PGC-1α gene transcription is regulated by multiple promoter regions and is coupled with alternative splicing, resulting in a variety of PGC-1α protein variants [20]. The combination of alternative splicing and alternative use of promoters is a common process for increasing transcriptome complexity [21]. New splice variants are generated by transcription from an evolutionarily conserved alternative promoter (AP), which was found approximately 14 kb upstream of PGC-1α’s transcription start site (TSS) [22]. The transcripts of this AP contain a new exon 1 (exon 1b) with two splicing options, resulting in proteins with two different amino termini (PGC-1α-b, 12 aa long and PGC-1α-c, 3 aa long). This exon is shorter than the proximal exon 1a, which encodes for a 16 aa-long N-terminus [22,23]. The newly discovered isoforms were found in skeletal muscle after exercise [24,25,26,27] and apparently, their generation is more responsive to stimulation. Studies with PGC-1α-b in the skeletal muscle of transgenic mice revealed that a change in the mitochondrial volume is directly correlated with an improvement in exercise performance and oxidative capacity [28]. Nevertheless, the structure and function of PGC-1α-b and PGC-1α-c do not differ notably from the canonical PGC-1α [22,23].

In addition to the AP and its resulting isoforms, further TSSs and tissue-specific promoters have been described for PGC-1α in the liver, kidney, and brain. These isoforms need to be studied in a tissue-specific context and may vary functionally and structurally from the canonical PGC-1α [29,30,31].

PGC-1α is tightly regulated at two different levels: Firstly, PGC-1α is regulated at the transcriptional level (see also Section 2.1) through several transcription factors and various extracellular stimuli such as insulin/glucagon levels, Ca²⁺, temperature, or exercise via signaling cascades. Secondly, PGC-1α is regulated at the posttranslational level through numerous modifications, such as acetylation, phosphorylation, methylation, or ubiquitination [32,33]. The overview in Figure 2 shows the most important signaling routes that target PGC-1α through posttranslational and transcriptional modifications.

Various factors play a role in the regulation of PGC-1α, e.g., the transcription of PGC-1α is upregulated by forkhead box class-01 (FoxO1), myocyte enhancer factor 2 (MEF2), activating transcription factor 2 (ATF2), and cyclic AMP response element-binding protein (CREB). These upstream factors are induced by several extracellular stimuli such as stress, exercise, or cytokines [32,34]. Early-phase mediators of inflammation, such as the tumor necrosis factor α (TNFα), interleukin-4, and interferon-γ, regulate PGC-1α gene expression. Nuclear factor-kappa B (NF-κB), mitogen-activated protein kinase (MAPK), or Akt serine/threonine kinase (protein kinase B; Akt; PKB) have a mediating effect on these signaling pathways as well [35].

p38 MAPK activates MEF2 and ATF2, both of which stimulate PGC-1α expression. Exercise increases Ca²⁺ levels, leading to the activation of MEF and CREB factors via calcineurin A and Ca²⁺/calmodulin-dependent protein kinase 2 (CAMK2) [32,37]. Activation of 5′ adenosine monophosphate-activated protein kinase (AMPK) via CAMK2 is promoted by calcium ions [38]. FoxO1 and Akt are activated by insulin, whereas glucagon (via glucagon receptor) and cold temperature (via β3-adrenergic receptor; β-AR) stimulate protein kinase A (PKA), which subsequently promotes CREB-mediated transcription [32]. In summary, the combination of a variety of response factors, integrating environmental and intracellular stimuli, controls the PGC-1α gene expression [36].

Class II histone deacetylases (HDACs) inhibit the MEF2 transcription factor and indirectly regulate PGC-1α gene expression.
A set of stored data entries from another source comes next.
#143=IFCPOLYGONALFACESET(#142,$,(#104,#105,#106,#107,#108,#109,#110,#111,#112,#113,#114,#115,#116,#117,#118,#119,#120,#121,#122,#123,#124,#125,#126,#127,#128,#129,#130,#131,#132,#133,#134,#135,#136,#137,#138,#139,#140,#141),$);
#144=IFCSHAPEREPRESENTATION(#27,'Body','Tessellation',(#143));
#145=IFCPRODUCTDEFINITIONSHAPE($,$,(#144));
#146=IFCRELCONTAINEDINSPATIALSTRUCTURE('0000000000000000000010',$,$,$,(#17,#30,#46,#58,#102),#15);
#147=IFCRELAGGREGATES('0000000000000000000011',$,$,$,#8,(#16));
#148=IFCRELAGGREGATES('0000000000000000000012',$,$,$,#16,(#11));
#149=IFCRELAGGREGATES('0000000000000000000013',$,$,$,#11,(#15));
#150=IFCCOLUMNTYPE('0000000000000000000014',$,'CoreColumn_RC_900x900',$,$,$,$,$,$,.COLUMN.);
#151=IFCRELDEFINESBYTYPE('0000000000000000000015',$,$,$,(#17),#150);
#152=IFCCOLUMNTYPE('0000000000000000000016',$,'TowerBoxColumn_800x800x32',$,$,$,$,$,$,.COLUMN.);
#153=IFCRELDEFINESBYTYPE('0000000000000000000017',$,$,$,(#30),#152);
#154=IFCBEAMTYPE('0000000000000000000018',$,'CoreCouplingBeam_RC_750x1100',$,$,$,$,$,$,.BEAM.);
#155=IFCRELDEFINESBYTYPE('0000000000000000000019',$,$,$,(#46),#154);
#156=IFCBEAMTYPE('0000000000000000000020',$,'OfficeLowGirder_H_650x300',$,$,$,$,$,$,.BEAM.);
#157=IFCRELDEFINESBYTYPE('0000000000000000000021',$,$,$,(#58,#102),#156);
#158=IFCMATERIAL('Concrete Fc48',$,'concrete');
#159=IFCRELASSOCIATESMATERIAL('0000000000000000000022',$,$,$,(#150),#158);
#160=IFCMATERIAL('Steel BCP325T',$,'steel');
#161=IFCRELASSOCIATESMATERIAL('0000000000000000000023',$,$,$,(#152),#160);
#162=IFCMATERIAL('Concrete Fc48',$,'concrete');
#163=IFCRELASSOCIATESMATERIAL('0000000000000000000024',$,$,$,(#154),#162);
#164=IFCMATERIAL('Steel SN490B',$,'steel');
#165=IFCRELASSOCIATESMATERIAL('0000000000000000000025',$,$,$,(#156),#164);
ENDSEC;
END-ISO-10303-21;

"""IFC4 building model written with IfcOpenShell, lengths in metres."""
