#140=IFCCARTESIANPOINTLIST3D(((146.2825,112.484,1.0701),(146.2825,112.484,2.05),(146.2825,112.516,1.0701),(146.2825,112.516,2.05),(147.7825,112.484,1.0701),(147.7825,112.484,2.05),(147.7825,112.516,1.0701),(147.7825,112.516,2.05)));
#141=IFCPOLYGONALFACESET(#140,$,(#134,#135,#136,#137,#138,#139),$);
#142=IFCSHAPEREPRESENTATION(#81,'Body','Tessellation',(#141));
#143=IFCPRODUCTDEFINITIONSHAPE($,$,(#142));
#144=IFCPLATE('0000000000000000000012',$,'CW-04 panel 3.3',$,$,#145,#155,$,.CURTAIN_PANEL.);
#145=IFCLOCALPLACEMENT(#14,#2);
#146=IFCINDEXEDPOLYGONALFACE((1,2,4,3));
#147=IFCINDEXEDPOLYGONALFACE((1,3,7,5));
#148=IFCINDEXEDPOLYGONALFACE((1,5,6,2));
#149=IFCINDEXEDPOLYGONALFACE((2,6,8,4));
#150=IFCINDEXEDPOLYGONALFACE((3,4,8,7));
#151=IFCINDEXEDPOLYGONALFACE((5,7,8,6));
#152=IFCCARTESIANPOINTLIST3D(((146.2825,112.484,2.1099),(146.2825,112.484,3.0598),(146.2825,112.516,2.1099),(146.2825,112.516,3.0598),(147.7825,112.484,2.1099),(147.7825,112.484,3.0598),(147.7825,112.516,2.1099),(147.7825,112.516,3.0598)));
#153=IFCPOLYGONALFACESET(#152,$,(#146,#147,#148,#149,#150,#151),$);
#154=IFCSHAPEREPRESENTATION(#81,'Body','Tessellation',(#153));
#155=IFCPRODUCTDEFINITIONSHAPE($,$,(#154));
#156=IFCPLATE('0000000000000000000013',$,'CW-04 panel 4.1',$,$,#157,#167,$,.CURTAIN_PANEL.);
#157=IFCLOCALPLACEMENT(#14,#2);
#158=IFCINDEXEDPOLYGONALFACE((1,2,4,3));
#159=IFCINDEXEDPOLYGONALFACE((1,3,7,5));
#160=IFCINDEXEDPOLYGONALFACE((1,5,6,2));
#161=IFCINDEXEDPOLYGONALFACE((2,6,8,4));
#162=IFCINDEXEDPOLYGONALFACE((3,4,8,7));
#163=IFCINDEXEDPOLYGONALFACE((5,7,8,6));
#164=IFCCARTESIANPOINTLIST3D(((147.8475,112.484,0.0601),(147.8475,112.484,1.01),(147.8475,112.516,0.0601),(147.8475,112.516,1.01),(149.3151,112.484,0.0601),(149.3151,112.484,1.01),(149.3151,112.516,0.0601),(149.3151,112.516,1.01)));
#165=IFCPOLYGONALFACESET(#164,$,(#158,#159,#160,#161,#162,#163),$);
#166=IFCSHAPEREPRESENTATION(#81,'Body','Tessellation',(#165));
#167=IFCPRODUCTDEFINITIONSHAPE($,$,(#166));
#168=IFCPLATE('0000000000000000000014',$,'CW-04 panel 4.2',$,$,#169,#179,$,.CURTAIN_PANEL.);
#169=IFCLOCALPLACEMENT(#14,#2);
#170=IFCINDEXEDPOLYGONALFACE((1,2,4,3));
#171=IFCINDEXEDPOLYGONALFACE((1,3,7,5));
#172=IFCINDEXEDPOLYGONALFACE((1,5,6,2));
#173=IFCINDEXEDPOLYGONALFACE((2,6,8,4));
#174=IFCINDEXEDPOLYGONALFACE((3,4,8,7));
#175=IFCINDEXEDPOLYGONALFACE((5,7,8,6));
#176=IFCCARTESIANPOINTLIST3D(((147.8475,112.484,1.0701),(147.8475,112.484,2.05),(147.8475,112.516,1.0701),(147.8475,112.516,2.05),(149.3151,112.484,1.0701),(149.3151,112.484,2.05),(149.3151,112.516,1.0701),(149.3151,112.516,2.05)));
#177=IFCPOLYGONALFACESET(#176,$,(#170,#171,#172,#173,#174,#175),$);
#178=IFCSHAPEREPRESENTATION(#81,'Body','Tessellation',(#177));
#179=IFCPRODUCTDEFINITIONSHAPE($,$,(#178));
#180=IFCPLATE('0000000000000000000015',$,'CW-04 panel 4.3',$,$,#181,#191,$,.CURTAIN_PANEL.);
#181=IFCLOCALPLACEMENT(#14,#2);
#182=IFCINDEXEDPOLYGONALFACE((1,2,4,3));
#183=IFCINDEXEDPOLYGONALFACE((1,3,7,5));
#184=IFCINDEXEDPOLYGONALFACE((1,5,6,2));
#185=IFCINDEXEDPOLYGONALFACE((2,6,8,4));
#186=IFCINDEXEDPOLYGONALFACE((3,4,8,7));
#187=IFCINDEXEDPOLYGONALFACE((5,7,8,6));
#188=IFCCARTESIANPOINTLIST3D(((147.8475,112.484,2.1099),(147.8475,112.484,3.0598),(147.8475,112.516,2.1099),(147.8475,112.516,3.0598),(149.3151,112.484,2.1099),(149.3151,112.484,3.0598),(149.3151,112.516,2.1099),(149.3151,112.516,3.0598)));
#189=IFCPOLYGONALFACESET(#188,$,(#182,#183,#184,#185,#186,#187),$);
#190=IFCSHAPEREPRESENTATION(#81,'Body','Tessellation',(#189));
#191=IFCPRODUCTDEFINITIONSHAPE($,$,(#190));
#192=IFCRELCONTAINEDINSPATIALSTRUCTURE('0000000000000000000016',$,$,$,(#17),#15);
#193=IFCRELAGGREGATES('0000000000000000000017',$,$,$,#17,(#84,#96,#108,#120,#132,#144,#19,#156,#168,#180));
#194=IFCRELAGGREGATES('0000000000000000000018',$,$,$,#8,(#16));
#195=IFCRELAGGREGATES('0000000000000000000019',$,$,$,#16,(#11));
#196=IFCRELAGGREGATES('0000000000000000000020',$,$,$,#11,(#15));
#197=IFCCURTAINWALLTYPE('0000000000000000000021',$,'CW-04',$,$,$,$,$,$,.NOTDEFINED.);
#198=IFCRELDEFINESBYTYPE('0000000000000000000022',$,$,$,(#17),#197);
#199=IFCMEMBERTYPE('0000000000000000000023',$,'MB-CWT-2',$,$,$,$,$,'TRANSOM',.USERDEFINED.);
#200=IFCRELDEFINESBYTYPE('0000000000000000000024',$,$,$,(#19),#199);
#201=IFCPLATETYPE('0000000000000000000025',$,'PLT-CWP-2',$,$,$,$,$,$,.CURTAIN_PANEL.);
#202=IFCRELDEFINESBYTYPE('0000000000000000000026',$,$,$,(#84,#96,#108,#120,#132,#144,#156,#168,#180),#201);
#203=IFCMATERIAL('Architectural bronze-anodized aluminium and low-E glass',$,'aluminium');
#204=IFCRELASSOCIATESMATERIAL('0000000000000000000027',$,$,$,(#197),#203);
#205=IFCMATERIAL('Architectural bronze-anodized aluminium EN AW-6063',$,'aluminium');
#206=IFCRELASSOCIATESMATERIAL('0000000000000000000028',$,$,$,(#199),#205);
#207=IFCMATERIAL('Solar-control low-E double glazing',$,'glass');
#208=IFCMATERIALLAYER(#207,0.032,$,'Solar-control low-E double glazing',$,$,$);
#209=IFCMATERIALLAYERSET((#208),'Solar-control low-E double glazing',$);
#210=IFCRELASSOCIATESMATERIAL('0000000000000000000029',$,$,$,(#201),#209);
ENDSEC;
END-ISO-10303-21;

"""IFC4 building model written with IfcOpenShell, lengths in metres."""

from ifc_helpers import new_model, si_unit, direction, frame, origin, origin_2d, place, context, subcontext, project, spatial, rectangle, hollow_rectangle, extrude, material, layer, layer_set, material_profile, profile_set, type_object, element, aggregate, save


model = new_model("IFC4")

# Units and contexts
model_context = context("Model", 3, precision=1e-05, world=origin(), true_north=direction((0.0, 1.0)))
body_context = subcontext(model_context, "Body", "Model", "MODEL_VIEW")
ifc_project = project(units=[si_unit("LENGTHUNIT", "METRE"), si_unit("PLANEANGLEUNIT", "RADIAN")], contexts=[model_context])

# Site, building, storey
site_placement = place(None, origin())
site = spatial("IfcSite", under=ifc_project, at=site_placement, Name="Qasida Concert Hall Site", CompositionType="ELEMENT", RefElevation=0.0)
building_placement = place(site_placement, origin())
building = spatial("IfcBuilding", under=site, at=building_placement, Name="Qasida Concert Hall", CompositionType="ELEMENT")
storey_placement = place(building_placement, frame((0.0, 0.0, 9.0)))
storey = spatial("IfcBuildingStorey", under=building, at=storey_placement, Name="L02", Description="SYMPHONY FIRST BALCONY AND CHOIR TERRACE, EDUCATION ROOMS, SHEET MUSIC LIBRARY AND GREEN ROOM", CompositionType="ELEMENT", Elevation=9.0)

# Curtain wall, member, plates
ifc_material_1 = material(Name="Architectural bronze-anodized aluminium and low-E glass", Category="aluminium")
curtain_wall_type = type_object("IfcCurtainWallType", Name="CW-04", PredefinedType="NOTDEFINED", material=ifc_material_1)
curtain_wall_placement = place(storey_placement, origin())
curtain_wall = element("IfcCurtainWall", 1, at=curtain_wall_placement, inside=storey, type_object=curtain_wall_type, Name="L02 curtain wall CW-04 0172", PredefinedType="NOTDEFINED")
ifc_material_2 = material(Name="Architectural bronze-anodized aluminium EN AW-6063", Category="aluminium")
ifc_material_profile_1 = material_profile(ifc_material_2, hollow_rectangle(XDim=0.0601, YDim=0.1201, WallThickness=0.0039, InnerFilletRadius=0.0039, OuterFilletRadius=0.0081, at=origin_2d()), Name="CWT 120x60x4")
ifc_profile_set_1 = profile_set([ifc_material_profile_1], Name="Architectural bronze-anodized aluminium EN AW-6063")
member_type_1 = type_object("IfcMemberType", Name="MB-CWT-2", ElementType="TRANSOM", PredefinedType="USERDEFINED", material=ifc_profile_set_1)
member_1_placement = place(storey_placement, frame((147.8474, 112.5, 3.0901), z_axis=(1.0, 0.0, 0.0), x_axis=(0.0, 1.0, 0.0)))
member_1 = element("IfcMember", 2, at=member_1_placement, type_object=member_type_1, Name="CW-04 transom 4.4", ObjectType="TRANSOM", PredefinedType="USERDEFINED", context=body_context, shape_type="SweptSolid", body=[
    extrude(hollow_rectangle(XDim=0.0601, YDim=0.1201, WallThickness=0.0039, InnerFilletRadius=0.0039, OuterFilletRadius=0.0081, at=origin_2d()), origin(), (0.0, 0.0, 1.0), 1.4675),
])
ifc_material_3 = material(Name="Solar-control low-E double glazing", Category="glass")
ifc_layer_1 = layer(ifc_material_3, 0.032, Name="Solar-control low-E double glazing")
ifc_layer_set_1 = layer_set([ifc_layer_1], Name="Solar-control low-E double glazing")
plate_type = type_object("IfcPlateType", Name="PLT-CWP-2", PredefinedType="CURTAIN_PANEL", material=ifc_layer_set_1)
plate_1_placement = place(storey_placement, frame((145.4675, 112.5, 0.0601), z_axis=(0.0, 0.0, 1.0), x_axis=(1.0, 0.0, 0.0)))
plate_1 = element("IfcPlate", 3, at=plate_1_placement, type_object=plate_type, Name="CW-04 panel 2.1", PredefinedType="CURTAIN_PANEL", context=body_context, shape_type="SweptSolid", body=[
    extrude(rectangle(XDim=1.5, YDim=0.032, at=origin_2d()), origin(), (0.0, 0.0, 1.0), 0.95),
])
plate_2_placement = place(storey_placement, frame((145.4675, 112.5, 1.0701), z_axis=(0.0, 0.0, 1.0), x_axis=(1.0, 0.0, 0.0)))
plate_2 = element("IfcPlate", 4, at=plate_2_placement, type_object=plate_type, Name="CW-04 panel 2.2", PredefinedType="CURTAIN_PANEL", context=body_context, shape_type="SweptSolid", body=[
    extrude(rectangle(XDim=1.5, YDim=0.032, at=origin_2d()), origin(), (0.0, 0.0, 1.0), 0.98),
In HDAC-negative mouse models, MEF2 activity was increased, resulting in enhanced skeletal muscle development (endurance and resistance to fatigue) [39]. This observation may be related to an increase in the PGC-1α expression [36].

Recruitment of RNA polymerase II to the PGC-1α promoter is inhibited by its phosphorylation by cyclin-dependent kinase 9 [40]. In addition, transcription factors EB (TFEB)and E3 (Tfe3), have been reported to directly regulate the PGC-1α gene [41].

In addition, various epigenetic modifications of the PGC-1α promoter regulate PGC-1α gene expression [42]. Barrès et al. showed that promoter methylation in muscle cells by DNA methyltransferase 3B (DNMT3B) leads to the repression of the PGC-1α gene in the presence of high levels of FA [43]. This is relevant with respect to the involvement of PGC-1α in the control of mitochondrial biogenesis and the regulation of mitophagy [33,44]. Aging and inflammation, which are often associated with an increase in ROS, also affect PGC-1α gene expression.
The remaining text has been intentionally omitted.